BN4004 Operation and Supply Chain Analytics Syllabus:
BN4004 Operation and Supply Chain Analytics Syllabus – Anna University PG Syllabus Regulation 2021
OBJECTIVE:
➢ To treat the subject in depth by emphasizing on the advanced quantitative models and methods in logistics and supply chain management and its practical aspects and the latest developments in the field.
UNIT- I INTRODUCTION
Introduction to analytics – descriptive, predictive and prescriptive analytics, Data Driven Supply Chains – Basics, transforming supply chains, Barriers to implementation, Road Map.

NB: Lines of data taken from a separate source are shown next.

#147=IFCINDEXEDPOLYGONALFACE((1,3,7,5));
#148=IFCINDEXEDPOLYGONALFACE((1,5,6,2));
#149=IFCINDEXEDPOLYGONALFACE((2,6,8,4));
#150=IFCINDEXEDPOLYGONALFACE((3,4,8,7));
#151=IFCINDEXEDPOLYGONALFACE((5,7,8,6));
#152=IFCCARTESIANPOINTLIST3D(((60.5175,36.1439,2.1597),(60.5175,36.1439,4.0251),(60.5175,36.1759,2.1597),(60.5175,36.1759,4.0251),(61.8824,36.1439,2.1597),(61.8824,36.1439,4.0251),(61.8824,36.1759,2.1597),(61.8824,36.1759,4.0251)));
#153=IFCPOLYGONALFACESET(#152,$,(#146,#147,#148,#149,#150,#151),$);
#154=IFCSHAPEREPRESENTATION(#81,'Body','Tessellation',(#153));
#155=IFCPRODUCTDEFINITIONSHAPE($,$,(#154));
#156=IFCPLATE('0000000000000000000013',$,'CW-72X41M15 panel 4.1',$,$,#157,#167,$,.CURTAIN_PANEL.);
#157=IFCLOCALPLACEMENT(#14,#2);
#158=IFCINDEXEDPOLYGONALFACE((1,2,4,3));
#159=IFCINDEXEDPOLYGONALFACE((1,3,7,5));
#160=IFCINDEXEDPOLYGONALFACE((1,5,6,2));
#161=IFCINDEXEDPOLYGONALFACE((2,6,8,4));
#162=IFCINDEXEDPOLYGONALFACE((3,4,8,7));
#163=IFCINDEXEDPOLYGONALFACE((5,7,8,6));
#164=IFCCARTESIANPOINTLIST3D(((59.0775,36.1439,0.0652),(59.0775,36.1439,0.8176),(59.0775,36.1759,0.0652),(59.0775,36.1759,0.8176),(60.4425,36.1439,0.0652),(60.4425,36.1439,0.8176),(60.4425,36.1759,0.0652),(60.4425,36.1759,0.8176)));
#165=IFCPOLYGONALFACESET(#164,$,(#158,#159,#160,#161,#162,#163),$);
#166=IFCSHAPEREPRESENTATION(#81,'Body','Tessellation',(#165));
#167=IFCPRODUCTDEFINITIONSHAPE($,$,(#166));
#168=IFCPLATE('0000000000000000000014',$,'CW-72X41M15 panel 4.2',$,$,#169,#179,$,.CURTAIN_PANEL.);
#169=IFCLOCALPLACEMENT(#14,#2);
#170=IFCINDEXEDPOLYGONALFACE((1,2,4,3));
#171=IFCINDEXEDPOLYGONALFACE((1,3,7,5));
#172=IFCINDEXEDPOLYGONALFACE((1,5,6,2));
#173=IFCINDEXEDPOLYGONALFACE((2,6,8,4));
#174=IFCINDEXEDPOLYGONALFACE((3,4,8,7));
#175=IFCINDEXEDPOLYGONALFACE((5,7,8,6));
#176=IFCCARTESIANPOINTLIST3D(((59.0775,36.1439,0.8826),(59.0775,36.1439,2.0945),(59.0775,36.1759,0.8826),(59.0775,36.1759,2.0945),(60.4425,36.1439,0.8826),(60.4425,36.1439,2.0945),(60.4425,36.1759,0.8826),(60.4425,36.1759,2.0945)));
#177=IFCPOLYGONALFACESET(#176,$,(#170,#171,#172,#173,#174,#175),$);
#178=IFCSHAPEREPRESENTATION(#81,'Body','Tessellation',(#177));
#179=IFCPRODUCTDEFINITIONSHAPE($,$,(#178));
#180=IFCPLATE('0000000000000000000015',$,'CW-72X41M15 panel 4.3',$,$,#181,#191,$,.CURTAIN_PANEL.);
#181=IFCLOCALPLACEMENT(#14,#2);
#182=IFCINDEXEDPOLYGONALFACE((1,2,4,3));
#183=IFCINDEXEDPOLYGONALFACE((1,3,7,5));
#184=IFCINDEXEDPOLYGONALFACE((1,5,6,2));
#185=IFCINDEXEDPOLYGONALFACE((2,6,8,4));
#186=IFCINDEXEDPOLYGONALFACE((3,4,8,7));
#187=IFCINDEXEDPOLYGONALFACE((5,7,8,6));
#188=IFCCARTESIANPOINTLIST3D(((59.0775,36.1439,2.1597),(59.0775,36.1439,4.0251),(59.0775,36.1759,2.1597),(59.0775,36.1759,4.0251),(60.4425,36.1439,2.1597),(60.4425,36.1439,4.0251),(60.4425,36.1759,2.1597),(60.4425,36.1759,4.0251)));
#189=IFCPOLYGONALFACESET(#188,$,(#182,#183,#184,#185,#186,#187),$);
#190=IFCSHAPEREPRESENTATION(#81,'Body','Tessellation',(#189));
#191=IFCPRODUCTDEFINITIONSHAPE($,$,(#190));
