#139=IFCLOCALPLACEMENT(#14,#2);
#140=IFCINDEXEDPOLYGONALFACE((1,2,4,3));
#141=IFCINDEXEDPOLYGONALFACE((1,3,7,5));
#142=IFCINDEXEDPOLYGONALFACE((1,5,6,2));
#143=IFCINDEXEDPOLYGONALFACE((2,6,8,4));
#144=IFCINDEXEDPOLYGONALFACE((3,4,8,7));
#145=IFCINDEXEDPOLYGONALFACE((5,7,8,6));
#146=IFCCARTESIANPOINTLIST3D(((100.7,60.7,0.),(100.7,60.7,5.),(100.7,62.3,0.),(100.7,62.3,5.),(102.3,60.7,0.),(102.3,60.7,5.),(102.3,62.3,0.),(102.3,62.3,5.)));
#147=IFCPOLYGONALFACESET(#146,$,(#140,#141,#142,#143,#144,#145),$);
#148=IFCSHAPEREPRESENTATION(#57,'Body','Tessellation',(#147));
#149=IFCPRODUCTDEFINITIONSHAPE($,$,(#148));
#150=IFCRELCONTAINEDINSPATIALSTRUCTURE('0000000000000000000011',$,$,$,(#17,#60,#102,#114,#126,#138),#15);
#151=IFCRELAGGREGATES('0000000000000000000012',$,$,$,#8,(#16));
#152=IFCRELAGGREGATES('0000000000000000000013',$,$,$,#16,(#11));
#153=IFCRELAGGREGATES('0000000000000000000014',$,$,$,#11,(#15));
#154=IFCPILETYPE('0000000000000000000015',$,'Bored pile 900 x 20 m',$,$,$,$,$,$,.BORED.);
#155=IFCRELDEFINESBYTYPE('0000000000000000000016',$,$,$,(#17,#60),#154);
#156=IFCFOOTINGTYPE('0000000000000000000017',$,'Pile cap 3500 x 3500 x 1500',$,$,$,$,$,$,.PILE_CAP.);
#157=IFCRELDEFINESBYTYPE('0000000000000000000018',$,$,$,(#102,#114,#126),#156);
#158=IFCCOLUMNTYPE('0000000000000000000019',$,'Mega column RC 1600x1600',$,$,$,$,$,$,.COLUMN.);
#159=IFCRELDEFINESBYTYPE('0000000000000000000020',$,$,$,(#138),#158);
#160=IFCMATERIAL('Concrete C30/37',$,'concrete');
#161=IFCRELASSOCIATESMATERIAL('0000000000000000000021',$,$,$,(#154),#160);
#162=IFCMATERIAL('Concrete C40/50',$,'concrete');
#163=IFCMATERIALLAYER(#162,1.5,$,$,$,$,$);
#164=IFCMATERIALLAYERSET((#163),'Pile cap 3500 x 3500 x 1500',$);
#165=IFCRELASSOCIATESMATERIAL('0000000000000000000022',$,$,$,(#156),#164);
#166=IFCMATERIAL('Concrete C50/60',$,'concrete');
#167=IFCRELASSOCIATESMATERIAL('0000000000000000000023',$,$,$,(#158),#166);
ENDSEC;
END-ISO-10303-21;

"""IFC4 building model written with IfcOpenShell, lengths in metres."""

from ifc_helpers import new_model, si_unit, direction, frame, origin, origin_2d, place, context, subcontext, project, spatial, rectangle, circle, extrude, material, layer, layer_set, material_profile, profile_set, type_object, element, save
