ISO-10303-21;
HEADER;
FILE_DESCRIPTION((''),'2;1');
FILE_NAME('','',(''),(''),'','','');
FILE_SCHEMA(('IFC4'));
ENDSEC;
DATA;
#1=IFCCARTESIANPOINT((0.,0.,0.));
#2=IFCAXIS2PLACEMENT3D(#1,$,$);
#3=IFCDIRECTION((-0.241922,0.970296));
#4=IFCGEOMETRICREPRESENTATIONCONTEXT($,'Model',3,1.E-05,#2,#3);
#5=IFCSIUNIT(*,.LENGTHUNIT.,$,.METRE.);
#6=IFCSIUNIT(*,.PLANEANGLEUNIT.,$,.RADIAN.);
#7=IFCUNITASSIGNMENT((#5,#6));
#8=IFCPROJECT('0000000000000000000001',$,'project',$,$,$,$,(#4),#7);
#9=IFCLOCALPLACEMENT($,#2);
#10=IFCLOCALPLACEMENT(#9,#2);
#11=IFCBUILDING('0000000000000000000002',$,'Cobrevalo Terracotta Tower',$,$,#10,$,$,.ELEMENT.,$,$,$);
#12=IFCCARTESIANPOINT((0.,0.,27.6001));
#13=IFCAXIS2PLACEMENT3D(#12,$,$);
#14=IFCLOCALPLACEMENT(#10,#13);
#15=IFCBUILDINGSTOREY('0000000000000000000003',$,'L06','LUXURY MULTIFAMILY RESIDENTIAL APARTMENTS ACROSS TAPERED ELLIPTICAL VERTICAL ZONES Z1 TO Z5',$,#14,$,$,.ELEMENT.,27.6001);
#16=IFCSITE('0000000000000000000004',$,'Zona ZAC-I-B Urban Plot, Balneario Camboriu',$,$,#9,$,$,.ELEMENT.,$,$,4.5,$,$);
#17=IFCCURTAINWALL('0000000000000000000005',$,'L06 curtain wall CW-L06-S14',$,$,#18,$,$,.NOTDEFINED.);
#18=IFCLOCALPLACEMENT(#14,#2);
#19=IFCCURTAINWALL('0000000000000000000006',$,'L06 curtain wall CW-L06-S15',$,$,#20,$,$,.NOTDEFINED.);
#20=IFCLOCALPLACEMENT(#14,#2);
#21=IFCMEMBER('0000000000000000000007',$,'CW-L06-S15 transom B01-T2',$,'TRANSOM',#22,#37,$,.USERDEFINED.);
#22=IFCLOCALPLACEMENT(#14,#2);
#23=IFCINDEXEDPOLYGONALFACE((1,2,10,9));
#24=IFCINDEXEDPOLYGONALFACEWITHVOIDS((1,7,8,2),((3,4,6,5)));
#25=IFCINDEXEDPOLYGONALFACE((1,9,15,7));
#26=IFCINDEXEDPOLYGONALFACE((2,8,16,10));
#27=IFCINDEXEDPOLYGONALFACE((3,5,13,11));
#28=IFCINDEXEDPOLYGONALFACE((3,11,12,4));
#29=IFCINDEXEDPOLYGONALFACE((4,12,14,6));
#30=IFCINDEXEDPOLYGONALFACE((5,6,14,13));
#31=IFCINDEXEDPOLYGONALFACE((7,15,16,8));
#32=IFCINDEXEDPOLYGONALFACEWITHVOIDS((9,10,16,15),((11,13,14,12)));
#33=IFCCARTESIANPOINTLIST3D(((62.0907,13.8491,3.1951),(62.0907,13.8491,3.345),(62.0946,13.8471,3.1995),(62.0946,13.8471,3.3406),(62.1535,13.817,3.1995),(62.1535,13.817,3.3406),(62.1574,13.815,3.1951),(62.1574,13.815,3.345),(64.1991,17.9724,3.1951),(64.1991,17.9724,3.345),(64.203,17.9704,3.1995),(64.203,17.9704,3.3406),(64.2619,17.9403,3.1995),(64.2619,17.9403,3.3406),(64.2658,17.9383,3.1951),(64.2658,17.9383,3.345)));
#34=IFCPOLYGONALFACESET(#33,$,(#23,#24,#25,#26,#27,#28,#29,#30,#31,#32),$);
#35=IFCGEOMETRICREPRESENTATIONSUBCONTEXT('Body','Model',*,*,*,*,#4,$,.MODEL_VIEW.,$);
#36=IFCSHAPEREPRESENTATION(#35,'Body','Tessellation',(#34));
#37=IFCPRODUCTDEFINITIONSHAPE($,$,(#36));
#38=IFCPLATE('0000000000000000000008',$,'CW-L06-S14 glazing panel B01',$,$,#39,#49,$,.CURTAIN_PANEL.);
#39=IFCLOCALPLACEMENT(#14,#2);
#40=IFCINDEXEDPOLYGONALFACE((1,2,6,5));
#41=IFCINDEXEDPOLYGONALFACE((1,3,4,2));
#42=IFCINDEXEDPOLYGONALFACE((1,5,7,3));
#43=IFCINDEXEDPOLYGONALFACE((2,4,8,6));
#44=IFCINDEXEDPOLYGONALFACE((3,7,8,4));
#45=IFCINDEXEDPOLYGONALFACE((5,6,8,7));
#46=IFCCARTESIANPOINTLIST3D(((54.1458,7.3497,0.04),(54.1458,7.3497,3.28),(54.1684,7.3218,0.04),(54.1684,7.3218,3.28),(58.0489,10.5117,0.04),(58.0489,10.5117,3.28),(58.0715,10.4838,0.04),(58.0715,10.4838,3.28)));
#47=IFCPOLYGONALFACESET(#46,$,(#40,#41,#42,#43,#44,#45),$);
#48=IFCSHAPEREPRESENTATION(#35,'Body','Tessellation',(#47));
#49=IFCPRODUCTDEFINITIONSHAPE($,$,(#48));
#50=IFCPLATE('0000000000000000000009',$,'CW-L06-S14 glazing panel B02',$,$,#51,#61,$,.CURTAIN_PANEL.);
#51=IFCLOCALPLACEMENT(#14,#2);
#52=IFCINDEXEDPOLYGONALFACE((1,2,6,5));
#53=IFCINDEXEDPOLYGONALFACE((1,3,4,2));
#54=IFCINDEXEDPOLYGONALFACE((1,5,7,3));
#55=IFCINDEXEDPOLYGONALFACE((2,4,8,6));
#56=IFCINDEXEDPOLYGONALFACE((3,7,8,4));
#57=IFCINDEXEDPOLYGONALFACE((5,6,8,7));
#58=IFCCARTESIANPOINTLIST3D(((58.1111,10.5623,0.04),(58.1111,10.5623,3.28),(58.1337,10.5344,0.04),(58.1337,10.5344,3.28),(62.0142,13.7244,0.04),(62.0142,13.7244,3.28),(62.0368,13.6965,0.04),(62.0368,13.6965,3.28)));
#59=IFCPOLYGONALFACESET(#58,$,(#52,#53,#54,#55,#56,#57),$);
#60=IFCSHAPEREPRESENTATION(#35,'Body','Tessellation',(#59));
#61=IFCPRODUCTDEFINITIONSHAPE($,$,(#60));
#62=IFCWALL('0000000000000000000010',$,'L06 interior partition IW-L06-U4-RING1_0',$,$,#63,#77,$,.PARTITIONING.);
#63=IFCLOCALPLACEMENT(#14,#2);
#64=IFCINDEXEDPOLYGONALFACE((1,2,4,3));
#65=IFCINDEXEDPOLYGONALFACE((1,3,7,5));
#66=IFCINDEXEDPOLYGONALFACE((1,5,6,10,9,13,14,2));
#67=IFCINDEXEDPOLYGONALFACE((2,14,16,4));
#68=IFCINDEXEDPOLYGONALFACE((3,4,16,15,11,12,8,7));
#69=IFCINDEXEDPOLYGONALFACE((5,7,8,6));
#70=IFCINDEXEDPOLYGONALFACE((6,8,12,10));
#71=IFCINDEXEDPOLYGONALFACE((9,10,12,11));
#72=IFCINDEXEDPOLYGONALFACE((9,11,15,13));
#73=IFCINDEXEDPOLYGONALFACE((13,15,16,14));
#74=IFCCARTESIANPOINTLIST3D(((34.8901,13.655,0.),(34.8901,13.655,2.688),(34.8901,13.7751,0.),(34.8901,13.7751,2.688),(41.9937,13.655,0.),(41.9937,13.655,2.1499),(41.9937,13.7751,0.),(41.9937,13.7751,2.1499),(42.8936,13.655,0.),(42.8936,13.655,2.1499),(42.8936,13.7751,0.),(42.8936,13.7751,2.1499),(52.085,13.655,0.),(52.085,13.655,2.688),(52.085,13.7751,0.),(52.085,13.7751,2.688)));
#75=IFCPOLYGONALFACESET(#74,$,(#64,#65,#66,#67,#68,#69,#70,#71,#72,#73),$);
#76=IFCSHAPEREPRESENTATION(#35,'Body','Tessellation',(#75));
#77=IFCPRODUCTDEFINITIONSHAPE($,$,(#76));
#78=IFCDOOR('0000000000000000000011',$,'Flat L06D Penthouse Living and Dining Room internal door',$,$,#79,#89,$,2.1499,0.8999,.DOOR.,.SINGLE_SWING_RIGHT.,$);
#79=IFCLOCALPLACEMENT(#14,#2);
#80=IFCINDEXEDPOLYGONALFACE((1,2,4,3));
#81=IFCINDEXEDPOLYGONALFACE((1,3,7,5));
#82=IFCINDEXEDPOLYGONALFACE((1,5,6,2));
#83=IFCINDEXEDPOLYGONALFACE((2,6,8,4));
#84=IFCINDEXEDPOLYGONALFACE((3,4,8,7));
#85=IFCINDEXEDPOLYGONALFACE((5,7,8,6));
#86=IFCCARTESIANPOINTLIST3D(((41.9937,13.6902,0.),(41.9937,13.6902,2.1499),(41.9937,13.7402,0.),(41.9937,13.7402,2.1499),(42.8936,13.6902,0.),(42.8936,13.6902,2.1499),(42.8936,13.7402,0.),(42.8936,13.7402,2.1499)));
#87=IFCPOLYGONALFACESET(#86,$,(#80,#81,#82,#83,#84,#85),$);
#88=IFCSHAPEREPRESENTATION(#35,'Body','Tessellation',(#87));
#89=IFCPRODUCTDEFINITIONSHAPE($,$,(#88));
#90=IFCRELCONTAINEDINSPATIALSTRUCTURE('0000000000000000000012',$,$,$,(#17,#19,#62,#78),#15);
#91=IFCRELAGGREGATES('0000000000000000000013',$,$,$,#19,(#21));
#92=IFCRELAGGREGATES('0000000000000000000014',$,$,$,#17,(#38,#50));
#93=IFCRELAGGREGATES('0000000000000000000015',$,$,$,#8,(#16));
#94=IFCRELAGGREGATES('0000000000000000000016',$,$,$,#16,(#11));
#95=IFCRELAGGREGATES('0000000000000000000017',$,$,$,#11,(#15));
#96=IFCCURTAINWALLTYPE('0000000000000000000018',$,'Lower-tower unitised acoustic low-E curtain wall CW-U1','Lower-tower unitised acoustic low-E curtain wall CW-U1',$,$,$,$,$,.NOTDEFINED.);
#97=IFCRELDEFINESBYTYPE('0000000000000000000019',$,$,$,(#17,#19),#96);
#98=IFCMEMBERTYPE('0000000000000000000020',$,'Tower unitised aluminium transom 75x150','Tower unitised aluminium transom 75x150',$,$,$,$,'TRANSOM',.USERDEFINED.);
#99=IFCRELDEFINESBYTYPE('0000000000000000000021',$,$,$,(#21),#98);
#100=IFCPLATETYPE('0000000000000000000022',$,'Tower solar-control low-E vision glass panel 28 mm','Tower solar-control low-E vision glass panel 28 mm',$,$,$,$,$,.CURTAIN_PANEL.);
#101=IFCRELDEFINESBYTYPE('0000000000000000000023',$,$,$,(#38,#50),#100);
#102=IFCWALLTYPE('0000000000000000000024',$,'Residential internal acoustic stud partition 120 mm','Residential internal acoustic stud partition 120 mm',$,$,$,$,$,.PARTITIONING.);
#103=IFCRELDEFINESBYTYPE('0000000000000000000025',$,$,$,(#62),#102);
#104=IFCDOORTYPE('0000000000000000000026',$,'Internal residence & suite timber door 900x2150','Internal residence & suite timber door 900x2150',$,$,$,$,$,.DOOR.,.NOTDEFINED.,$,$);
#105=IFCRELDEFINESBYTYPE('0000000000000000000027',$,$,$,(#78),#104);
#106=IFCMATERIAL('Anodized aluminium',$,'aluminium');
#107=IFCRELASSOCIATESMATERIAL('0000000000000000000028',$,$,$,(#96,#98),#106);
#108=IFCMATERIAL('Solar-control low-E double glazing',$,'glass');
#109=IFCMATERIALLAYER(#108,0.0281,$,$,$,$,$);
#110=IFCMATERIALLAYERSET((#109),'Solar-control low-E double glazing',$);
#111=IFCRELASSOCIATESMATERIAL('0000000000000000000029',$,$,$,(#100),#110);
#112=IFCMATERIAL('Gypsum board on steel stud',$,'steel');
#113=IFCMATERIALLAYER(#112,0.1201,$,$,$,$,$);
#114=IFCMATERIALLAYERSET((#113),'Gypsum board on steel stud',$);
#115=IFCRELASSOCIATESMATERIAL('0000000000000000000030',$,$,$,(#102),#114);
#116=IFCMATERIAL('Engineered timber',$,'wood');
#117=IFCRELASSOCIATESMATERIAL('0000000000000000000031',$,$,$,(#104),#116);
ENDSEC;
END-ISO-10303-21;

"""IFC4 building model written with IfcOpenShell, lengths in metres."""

from ifc_helpers import new_model, si_unit, direction, frame, frame_2d, origin, origin_2d, place, context, subcontext, project, spatial, rectangle, hollow_rectangle, extrude, source, transform, mapped, material, layer, layer_set, material_profile, profile_set, type_object, element, fill, aggregate, save


model = new_model("IFC4")

# Units and contexts
model_context = context("Model", 3, precision=1e-05, world=origin(), true_north=direction((-0.241922, 0.970296)))
body_context = subcontext(model_context, "Body", "Model", "MODEL_VIEW")
ifc_project = project(units=[si_unit("LENGTHUNIT", "METRE"), si_unit("PLANEANGLEUNIT", "RADIAN")], contexts=[model_context])

# Site, building, storey
site_placement = place(None, origin())
site = spatial("IfcSite", under=ifc_project, at=site_placement, Name="Zona ZAC-I-B Urban Plot, Balneario Camboriu", CompositionType="ELEMENT", RefElevation=4.5)
building_placement = place(site_placement, origin())
building = spatial("IfcBuilding", under=site, at=building_placement, Name="Cobrevalo Terracotta Tower", CompositionType="ELEMENT")
storey_placement = place(building_placement, frame((0.0, 0.0, 27.6001)))
storey = spatial("IfcBuildingStorey", under=building, at=storey_placement, Name="L06", Description="LUXURY MULTIFAMILY RESIDENTIAL APARTMENTS ACROSS TAPERED ELLIPTICAL VERTICAL ZONES Z1 TO Z5", CompositionType="ELEMENT", Elevation=27.6001)

# Curtain walls, member
ifc_material_1 = material(Name="Anodized aluminium", Category="aluminium")
curtain_wall_type = type_object("IfcCurtainWallType", Name="Lower-tower unitised acoustic low-E curtain wall CW-U1", Description="Lower-tower unitised acoustic low-E curtain wall CW-U1", PredefinedType="NOTDEFINED", material=ifc_material_1)
curtain_wall_1_placement = place(storey_placement, origin())
curtain_wall_1 = element("IfcCurtainWall", 1, at=curtain_wall_1_placement, inside=storey, type_object=curtain_wall_type, Name="L06 curtain wall CW-L06-S14", PredefinedType="NOTDEFINED")
ifc_material_profile_1 = material_profile(ifc_material_1, hollow_rectangle(XDim=0.075, YDim=0.1499, WallThickness=0.0044, at=origin_2d()), Name="CWT 75x150")
ifc_profile_set_1 = profile_set([ifc_material_profile_1], Name="Anodized aluminium")
member_type_1 = type_object("IfcMemberType", Name="Tower unitised aluminium transom 75x150", Description="Tower unitised aluminium transom 75x150", ElementType="TRANSOM", PredefinedType="USERDEFINED", material=ifc_profile_set_1)
curtain_wall_2_placement = place(storey_placement, origin())
curtain_wall_2 = element("IfcCurtainWall", 2, at=curtain_wall_2_placement, inside=storey, type_object=curtain_wall_type, Name="L06 curtain wall CW-L06-S15", PredefinedType="NOTDEFINED")
shared_shape_1 = source(origin(), body_context, "Body", "SweptSolid", [
    extrude(hollow_rectangle(XDim=0.075, YDim=0.1499, WallThickness=0.0044, at=origin_2d()), origin(), (0.0, 0.0, 1.0), 4.6311),
])
member_1_placement = place(storey_placement, frame((62.124, 13.832, 3.27), z_axis=(0.455272, 0.890353, 0.0), x_axis=(-0.890353, 0.455272, 0.0)))
member_1 = element("IfcMember", 3, at=member_1_placement, type_object=member_type_1, Name="CW-L06-S15 transom B01-T2", ObjectType="TRANSOM", PredefinedType="USERDEFINED", context=body_context, shape_type="MappedRepresentation", body=[
    mapped(shared_shape_1, transform((0.0, 0.0, 0.0), scale=1.0)),
])
aggregate(curtain_wall_2, [member_1])

# Plates
ifc_material_2 = material(Name="Solar-control low-E double glazing", Category="glass")
ifc_layer_1 = layer(ifc_material_2, 0.0281)
ifc_layer_set_1 = layer_set([ifc_layer_1], Name="Solar-control low-E double glazing")
plate_type = type_object("IfcPlateType", Name="Tower solar-control low-E vision glass panel 28 mm", Description="Tower solar-control low-E vision glass panel 28 mm", PredefinedType="CURTAIN_PANEL", material=ifc_layer_set_1)
shared_shape_2 = source(origin(), body_context, "Body", "SweptSolid", [
    extrude(rectangle(XDim=5.0232, YDim=0.0359, at=origin_2d()), origin(), (0.0, 0.0, 1.0), 3.24),
])
plate_1_placement = place(storey_placement, frame((56.1086, 8.9167, 0.04), z_axis=(0.0, 0.0, 1.0), x_axis=(0.777008, 0.629491, 0.0)))
plate_1 = element("IfcPlate", 4, at=plate_1_placement, type_object=plate_type, Name="CW-L06-S14 glazing panel B01", PredefinedType="CURTAIN_PANEL", context=body_context, shape_type="MappedRepresentation", body=[
    mapped(shared_shape_2, transform((0.0, 0.0, 0.0), scale=1.0)),
])
plate_2_placement = place(storey_placement, frame((60.074, 12.1294, 0.04), z_axis=(0.0, 0.0, 1.0), x_axis=(0.777008, 0.629491, 0.0)))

UNIT- II WAREHOUSING DECISIONS
Mathematical Programming Models – P-Median Methods – Guided LP Approach – Balmer – Wolfe Method, Greedy Drop Heuristics, Dynamic Location Models, Space Determination and Layout Methods
UNIT- III INVENTORY MANAGEMENT
Inventory aggregation Models, Dynamic Lot sizing Methods, Multi-Echelon Inventory models, Aggregate Inventory system and LIMIT, Risk Analysis in Supply Chain – Measuring transit risks, supply risks, delivering risks, Risk pooling strategies.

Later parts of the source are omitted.